Stephen Sachs (co-blogger) responds to my recent post. Sachs argued that Texas’ SB 8 antiabortion law is more vulnerable than a Supreme Court decision in its favor. Partly, I wrote my response to Steve’s earlier post.
Steve recently contributed to the discussion and explained that his concern was not for slippery slopes, rather, it is about “principles”.
A demand is made for the application of certain limiting principles. For principles—a demand that the Court be principled in reaching its decision, that its judgment follow from premises that it’s willing to defend in other cases too.
I think such principles are very important. My concern over the dangers of SB 8’s slippery slope is shared by others. But, ultimately it is a concern about the risk to an essential principle. It is important to remember that the Constitution’s judicial protection cannot be weakened by state governments. As explained by me in an earlier post and highlighted by many justices during oral argument, Texas could be accused of using similar tools to subvert a range other constitutional rights such as gun rights and property rights.
Preventing this outcome is an essential principle and, in Steve’s words, a “premise.” [the Court should be]Willing to assist in defense of other cases. Courts should stop allowing a state to pass a law that prevents federal judicial review of legislation that may violate constitutional rights. This should not be allowed if it means that precedents regarding sovereign immunity or limitations on plaintiffs’ rights to sue for enjoinment judges must be overruled. In cases of conflict, these principles should be abandoned.
In my earlier post, I discussed some reasons why judicial reviews should be preferred to other factors. While I would be happy to get rid of sovereign immunity almost entirely (and the same for artificial distinctions between enjoining judges and enjoining other state officials), ruling against Texas in this case would not require going that far. Only the Supreme Court will have to rule that sovereign immunity must yield in cases that create serious “chilling effects” on a constitutionally protected right. These “chilling” effects are already grounds for preenforcement suits in many other situations, including freedom of speech. This argument for prioritization holds especially true when it comes to rights that are protected by the Fourteenth Amendment.

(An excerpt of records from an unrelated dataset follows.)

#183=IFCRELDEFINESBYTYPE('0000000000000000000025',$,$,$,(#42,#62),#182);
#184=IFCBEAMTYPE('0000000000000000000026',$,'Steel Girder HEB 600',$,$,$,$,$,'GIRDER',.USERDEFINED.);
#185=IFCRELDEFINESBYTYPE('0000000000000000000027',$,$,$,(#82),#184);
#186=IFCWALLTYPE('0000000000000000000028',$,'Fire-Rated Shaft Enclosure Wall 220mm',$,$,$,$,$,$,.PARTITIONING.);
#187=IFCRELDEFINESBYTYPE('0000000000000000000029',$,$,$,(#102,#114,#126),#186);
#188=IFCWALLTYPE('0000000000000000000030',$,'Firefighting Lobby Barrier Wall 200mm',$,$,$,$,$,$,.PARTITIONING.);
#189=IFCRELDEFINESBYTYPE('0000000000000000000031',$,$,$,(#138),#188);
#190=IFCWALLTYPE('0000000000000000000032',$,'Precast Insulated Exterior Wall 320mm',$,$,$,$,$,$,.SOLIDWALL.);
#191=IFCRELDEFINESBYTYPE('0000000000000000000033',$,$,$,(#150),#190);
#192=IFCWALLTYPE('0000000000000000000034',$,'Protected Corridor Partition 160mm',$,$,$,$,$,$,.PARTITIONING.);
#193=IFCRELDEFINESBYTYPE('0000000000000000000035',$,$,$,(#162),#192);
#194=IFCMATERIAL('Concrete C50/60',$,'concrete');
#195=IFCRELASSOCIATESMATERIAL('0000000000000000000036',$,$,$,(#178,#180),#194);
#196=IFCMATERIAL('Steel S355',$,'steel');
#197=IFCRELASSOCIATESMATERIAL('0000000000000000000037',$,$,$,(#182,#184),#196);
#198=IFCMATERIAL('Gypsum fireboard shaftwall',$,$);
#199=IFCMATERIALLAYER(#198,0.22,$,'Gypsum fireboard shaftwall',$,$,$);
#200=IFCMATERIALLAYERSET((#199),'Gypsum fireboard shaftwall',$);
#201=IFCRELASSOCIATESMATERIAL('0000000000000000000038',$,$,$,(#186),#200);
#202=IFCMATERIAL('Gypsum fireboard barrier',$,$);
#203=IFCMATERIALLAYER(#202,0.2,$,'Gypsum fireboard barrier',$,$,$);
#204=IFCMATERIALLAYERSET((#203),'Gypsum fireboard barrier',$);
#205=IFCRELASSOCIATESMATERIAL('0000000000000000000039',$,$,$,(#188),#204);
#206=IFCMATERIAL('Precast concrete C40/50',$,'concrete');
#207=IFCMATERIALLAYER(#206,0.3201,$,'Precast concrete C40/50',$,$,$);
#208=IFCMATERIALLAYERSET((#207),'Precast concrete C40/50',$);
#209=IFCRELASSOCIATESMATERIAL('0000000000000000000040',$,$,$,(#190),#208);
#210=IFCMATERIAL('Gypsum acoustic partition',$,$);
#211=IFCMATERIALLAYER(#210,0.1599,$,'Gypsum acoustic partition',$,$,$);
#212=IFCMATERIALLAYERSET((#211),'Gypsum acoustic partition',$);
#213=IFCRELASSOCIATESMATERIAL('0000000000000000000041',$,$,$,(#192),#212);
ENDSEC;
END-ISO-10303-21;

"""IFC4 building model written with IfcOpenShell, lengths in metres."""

Sometimes it can be difficult to distinguish a case involving chilling effects from one that doesn’t pose such danger. This is not more than the case of interpreting many other Constitutional Law doctrines, where courts have to enforce a standard rule rather than a bright-line one.
The Supreme Court does not have to grant every state judge a wide right to injunctive relief (a topic Steve raised in another post). Again, it might be limited to cases of chilling effect. The injunction could also be used to stop judges from suing clerks and other officials who are essential for a SB 8 lawsuit or similar cause of action formulated by another state following the SB 8 model. If you cannot or will not allow people sue to enjoin the judge, let them sue to enjoin the clerk, the janitor, the bailiff, or whatever other less-exalted official needs to be stopped to forestall SB 8 lawsuits.
These distinctions between state judges, and the lesser officers who assist them in doing their jobs are artificial and silly. The Supreme Court should just cut through the Gordian knot, and declare that state judges are able to be injected the same as any other state official who violates constitutional rights. However, the Supreme Court may not be willing to make this decision. In my opinion, the targeting of lesser officials is far more problematic than the SB 8 subterfuge, which would put at risk many constitutional rights.
Steve and others conclude that the best remedy for constitutional rights is going to Congress, regardless of whether the SB 8 Strategy poses a significant threat. This argument disregards the fundamental principle that judicial reviews are intended to preserve constitutional rights in cases where elected officials cannot or won’t do so. The only way to avoid judicial review is if the legislature could do this job.
Although the points above are not likely to convince those who think that sovereign immunity protection and rules against state judges being enjoined by the judiciary are more important than constitutional rights protection, they are still worth considering. However, I bet that those with this rank of preference are very few – even on the Supreme Court.
We should choose the one that is more important when two principles clash. You can call it a meta principle. It is also an idea judges should consider applying to future cases.